Соберите гонады центрифугации и использовать длинный, вытянутый стеклянный пипетка пастбища, чтобы удалить как можно больше супернатентов, как это возможно, не нарушая гранулы гонады. Для обнаружения EdU добавьте 100 микролитров коктейля EdU в гонады и накройте трубку лабораторной пленкой для инкубации от 30 до 60 минут при комнатной температуре. В конце инкубации, мыть гонаду один раз с 100 microLiters реакции промыть буфер, и четыре раза с одним миллилитром PBS tween.
После последней стирки добавьте в образец 25 микролитров антиутухающей монтажной среды, дополненной DAPI. В то время как среда оседают над гонадами, поместите большую 2,5%agarose площадку на стандартный стеклянный микроскоп слайд. Затем сгладить со вторым слайдом.
Затем используйте длинный стеклянный пастер пипетку и храните всю жидкость и гонады в узком кончике пипетки, чтобы свести к минимуму потерю образца при передаче гонад на площадку. Используя ресницы, приклеенные к зубочистке, распределите гонады по агарозной площадке и удалите частицы пыли. Затем медленно опустите прямоугольную стеклянную крышку скольжения на гонады, заботясь, чтобы избежать пузырьков воздуха, и удаление любого избыточного раствора с лабораторной ткани.
Подсчет ячеек в трех измерениях надежно требует некоторой практики. Использование плагина счетчика ячеек Фиджи и скрипта, как метки ячеек, чтобы удалить любые дубликаты помогает сделать счета воспроизводиться. После того, как крышка скольжения урегулировать на ночь, использовать ячейку счетчик плагина и Фиджи вручную рассчитывать каждое ядро, маркировка каждого отдельного ядра в зависимости от наличия или отсутствия фосфохистон три EdU или прегенетор зоны маркировки клеток.
Сигнал EdU ко локализуется с сигналом DAPI. В некоторых ядрах сигнал EdU охватывает все хромосомы, в то время как в других ядрах сигнал EdU локализуется до одного-двух ярких панкт, вероятно, на Х-хромосоме, которая размножается в конце S-фазы. Сигнал EdU от успешной 30-минутной маркировки локализуется примерно до половины ядер в предродовой зоне.

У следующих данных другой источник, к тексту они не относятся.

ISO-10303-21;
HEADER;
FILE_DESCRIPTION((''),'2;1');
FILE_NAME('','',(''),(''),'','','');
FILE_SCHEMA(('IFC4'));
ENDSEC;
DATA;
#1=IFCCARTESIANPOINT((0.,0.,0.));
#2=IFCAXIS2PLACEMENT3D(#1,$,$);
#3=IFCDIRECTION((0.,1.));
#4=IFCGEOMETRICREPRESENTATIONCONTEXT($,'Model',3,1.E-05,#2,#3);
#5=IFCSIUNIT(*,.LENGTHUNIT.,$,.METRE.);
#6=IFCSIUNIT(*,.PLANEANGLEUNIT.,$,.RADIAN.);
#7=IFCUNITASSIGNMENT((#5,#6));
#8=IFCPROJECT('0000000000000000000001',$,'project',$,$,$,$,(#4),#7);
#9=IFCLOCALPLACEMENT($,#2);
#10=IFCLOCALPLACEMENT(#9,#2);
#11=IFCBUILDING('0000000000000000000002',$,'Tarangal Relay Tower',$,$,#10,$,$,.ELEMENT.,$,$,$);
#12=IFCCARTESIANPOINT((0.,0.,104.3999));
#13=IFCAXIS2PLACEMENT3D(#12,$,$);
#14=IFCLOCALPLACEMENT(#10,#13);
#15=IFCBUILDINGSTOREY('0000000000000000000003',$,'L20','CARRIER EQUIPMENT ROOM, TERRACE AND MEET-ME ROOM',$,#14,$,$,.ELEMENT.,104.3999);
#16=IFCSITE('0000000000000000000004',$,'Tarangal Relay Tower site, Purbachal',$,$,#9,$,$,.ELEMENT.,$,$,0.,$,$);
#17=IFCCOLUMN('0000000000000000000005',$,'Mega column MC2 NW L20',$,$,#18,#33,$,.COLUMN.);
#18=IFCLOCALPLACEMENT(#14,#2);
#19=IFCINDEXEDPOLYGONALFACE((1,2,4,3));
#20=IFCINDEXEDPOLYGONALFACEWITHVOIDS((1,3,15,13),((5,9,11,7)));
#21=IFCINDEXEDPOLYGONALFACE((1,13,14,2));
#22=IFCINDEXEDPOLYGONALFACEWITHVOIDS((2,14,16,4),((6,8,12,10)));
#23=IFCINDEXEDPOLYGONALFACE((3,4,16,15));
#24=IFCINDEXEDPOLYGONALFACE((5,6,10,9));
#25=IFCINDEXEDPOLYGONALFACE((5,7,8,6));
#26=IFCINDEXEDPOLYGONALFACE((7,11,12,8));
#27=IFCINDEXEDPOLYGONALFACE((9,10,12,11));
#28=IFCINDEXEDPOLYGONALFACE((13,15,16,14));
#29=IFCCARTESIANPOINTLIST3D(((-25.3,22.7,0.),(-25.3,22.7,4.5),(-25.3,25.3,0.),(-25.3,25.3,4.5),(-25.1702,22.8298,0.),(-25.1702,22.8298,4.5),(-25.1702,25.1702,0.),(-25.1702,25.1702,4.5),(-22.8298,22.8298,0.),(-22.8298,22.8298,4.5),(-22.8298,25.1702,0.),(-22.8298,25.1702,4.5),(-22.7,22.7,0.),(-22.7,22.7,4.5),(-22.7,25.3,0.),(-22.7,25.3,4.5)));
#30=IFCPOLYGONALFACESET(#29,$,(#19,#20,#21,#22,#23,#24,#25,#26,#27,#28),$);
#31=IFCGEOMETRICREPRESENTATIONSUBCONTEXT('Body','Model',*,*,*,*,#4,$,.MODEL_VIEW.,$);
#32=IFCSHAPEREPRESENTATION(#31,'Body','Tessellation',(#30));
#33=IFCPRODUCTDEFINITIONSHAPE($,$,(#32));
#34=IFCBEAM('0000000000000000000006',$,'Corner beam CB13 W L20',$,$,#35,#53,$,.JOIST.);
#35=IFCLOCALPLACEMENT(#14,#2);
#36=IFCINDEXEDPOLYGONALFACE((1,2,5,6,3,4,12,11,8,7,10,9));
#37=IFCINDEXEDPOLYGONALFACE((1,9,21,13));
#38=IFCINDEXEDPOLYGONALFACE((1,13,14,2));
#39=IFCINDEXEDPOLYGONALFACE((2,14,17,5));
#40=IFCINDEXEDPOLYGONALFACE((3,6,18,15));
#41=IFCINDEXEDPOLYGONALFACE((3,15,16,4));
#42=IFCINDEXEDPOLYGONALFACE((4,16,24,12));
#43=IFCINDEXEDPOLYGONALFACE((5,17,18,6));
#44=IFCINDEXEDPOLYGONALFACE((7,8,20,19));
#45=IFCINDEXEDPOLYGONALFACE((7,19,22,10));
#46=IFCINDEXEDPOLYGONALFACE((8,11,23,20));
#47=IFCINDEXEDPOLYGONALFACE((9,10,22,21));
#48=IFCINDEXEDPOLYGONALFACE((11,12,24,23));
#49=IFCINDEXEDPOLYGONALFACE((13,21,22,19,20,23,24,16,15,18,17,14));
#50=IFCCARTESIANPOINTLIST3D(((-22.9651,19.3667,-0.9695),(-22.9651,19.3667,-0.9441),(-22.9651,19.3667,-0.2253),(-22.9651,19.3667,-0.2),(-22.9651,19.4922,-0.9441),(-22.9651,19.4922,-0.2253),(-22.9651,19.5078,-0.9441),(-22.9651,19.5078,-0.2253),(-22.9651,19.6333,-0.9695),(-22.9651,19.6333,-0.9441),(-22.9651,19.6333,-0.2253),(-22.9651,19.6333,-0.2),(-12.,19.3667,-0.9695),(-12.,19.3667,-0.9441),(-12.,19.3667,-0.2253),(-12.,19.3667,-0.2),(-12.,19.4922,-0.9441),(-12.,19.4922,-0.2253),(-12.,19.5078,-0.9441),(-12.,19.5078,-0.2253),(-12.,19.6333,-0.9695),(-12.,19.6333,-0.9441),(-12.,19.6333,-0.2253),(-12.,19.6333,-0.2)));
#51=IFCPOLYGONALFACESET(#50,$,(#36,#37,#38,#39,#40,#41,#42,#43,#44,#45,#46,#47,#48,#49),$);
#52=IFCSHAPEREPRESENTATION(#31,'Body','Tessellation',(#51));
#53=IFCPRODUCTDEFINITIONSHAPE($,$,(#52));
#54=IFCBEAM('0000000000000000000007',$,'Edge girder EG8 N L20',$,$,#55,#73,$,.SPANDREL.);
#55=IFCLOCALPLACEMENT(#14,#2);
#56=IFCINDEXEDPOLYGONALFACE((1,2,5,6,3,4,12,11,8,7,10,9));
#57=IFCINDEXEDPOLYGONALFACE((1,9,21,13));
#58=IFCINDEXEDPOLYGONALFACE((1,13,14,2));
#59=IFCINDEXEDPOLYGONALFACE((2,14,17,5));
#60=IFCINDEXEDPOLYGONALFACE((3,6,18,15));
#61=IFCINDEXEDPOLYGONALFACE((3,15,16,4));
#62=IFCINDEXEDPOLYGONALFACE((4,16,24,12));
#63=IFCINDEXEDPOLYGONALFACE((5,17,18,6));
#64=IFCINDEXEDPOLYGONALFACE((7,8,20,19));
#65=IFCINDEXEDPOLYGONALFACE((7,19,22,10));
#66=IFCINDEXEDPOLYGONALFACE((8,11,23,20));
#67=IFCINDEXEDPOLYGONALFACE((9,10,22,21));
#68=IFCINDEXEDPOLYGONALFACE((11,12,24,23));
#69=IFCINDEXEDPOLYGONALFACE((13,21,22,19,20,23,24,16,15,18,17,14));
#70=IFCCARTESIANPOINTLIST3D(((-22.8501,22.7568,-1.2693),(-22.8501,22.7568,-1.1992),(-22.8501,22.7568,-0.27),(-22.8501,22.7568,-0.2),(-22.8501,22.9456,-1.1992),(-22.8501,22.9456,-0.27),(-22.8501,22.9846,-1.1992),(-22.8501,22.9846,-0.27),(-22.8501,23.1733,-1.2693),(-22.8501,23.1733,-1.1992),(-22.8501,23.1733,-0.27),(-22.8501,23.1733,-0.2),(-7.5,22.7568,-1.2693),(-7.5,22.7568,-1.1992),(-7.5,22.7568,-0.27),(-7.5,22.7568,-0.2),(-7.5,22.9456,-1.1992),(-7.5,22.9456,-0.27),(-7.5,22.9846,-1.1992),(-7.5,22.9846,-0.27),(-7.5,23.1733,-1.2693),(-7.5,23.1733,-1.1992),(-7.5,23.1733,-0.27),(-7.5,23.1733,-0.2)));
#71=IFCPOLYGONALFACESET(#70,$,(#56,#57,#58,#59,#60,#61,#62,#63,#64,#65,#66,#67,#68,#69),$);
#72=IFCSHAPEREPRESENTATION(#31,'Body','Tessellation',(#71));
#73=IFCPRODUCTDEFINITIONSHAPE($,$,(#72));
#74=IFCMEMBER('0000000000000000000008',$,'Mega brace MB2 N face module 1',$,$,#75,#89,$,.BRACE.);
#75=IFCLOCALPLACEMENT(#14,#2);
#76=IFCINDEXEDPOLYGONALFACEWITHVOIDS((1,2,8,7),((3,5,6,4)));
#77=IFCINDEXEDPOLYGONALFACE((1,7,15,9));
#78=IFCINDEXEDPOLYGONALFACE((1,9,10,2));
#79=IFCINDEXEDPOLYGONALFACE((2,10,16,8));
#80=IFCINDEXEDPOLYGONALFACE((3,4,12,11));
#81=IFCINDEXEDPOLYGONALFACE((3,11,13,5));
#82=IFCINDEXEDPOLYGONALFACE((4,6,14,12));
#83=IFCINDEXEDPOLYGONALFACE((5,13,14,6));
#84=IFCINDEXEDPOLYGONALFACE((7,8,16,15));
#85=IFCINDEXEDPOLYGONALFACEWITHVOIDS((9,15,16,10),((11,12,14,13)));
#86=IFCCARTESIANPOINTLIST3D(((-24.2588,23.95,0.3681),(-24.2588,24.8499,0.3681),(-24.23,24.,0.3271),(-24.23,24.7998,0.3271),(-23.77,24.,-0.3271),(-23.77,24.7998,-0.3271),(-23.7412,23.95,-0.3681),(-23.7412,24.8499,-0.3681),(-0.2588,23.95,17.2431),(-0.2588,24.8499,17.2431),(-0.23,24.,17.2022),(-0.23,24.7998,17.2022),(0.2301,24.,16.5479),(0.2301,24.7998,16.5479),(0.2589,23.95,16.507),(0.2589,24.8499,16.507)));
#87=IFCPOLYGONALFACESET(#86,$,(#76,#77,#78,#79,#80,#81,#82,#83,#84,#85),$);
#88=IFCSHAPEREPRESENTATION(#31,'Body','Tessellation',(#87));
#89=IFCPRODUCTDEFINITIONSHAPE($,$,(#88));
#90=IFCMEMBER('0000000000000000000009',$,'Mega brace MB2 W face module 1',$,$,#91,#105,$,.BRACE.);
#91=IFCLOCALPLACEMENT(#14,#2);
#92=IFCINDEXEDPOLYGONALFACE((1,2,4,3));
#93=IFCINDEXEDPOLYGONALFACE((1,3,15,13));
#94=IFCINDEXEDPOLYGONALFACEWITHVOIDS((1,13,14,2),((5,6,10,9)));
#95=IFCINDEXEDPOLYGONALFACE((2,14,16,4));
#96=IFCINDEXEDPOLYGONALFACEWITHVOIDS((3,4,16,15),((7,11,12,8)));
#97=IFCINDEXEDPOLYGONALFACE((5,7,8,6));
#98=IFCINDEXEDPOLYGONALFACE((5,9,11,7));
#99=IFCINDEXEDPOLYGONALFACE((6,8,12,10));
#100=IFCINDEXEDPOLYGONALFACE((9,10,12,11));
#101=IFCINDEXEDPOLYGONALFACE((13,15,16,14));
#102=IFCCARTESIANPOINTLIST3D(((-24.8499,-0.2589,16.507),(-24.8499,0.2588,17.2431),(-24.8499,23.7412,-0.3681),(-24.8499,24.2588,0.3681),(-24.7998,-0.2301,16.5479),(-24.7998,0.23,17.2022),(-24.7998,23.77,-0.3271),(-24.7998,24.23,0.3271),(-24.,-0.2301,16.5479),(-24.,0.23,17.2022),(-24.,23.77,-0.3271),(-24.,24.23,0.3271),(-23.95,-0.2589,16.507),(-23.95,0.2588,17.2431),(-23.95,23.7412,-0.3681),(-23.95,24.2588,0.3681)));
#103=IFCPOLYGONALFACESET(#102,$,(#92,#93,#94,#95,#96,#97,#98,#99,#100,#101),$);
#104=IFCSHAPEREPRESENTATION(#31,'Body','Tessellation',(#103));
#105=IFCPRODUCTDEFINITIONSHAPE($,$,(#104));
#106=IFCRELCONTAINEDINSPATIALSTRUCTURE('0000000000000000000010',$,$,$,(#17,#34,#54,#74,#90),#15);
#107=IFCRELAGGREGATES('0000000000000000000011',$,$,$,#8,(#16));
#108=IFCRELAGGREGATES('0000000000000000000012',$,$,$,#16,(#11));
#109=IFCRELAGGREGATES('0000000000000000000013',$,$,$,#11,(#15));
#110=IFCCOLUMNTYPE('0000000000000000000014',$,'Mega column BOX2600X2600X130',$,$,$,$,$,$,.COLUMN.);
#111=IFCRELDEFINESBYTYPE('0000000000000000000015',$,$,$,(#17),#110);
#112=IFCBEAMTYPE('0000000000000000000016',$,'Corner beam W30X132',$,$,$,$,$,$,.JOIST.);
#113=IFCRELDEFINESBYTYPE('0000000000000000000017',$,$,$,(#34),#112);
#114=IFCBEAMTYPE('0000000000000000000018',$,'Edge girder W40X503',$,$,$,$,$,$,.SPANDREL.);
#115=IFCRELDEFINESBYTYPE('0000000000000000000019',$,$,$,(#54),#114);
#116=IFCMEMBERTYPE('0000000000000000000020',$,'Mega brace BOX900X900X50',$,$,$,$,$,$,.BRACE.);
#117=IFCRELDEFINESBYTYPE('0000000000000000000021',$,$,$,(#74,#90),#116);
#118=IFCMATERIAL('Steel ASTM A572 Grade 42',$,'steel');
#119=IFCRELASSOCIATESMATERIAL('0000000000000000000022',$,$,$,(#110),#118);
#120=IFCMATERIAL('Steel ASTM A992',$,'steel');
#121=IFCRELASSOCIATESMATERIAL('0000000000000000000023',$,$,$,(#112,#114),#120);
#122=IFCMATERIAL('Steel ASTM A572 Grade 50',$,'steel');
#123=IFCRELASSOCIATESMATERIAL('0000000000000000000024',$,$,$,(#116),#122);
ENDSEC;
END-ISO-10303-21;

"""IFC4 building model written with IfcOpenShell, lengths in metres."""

from ifc_helpers import new_model, si_unit, direction, frame, origin, origin_2d, place, context, subcontext, project, spatial, hollow_rectangle, i_section, extrude, material, material_profile, profile_set, type_object, element, save


model = new_model("IFC4")

# Units and contexts
model_context = context("Model", 3, precision=1e-05, world=origin(), true_north=direction((0.0, 1.0)))
body_context = subcontext(model_context, "Body", "Model", "MODEL_VIEW")
ifc_project = project(units=[si_unit("LENGTHUNIT", "METRE"), si_unit("PLANEANGLEUNIT", "RADIAN")], contexts=[model_context])

# Site, building, storey
site_placement = place(None, origin())
site = spatial("IfcSite", under=ifc_project, at=site_placement, Name="Tarangal Relay Tower site, Purbachal", CompositionType="ELEMENT", RefElevation=0.0)
building_placement = place(site_placement, origin())
building = spatial("IfcBuilding", under=site, at=building_placement, Name="Tarangal Relay Tower", CompositionType="ELEMENT")
storey_placement = place(building_placement, frame((0.0, 0.0, 104.3999)))
storey = spatial("IfcBuildingStorey", under=building, at=storey_placement, Name="L20", Description="CARRIER EQUIPMENT ROOM, TERRACE AND MEET-ME ROOM", CompositionType="ELEMENT", Elevation=104.3999)

# Column
ifc_material_1 = material(Name="Steel ASTM A572 Grade 42", Category="steel")
ifc_material_profile_1 = material_profile(ifc_material_1, hollow_rectangle(XDim=2.6001, YDim=2.6001, WallThickness=0.1299, at=origin_2d()), Name="BOX2600X2600X130")
ifc_profile_set_1 = profile_set([ifc_material_profile_1], Name="Steel ASTM A572 Grade 42")
column_type = type_object("IfcColumnType", Name="Mega column BOX2600X2600X130", PredefinedType="COLUMN", material=ifc_profile_set_1)
column_placement = place(storey_placement, frame((-24.0, 24.0, 0.0), z_axis=(0.0, 0.0, 1.0), x_axis=(1.0, 0.0, 0.0)))
element("IfcColumn", 1, at=column_placement, inside=storey, type_object=column_type, Name="Mega column MC2 NW L20", PredefinedType="COLUMN", context=body_context, shape_type="SweptSolid", body=[
    extrude(hollow_rectangle(XDim=2.6001, YDim=2.6001, WallThickness=0.1299, at=origin_2d()), origin(), (0.0, 0.0, 1.0), 4.5),
])

# Beams
ifc_material_2 = material(Name="Steel ASTM A992", Category="steel")
ifc_material_profile_2 = material_profile(ifc_material_2, i_section(OverallWidth=0.2666, OverallDepth=0.7695, WebThickness=0.0156, FlangeThickness=0.0254, at=origin_2d()), Name="W30X132")
ifc_profile_set_2 = profile_set([ifc_material_profile_2], Name="Steel ASTM A992")
beam_type_1 = type_object("IfcBeamType", Name="Corner beam W30X132", PredefinedType="JOIST", material=ifc_profile_set_2)
beam_1_placement = place(storey_placement, frame((-12.0, 19.5, -0.5847), z_axis=(-1.0, 0.0, 0.0), x_axis=(0.0, -1.0, 0.0)))
element("IfcBeam", 2, at=beam_1_placement, inside=storey, type_object=beam_type_1, Name="Corner beam CB13 W L20", PredefinedType="JOIST", context=body_context, shape_type="SweptSolid", body=[
    extrude(i_section(OverallWidth=0.2666, OverallDepth=0.7695, WebThickness=0.0156, FlangeThickness=0.0254, at=origin_2d()), origin(), (0.0, 0.0, 1.0), 10.9651),
])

В то время как техника работает последовательно в диком типе молодых взрослых животных, значительная часть спариваых 5-дневных гермафродитов не может обозначить в 30-минутный пульс ЭдУ. Продолжительность G2 можно оценить, проанализировав процент ядер в M-фазе, которые являются EdU положительными в течение всего периода времени, что позволяет вычислить медиану и максимальную продолжительность G2. Продолжительность G2 и G1 можно оценить по проценту всех ядер предгенеторной зоны, которые являются положительными, что позволяет вычислить максимальную продолжительность комбинированных фаз. При попытке этой процедуры, важно помнить, чтобы использовать ту же партию блюд EdU, чтобы свести к минимуму межиммиакументабельную изменчивость.
После этой процедуры, другие методы, такие как окрашивание дополнительными антителами могут быть выполнены или ответить на дополнительные вопросы о клеточном цикле, клеточной судьбы, или сигнализации путей. Не забывайте, что работа с нуклеицидными аналогами и парафермельдагидом может быть опасной, и что меры предосторожности, такие как ношение азотных перчаток, всегда должны приниматься при выполнении этой процедуры.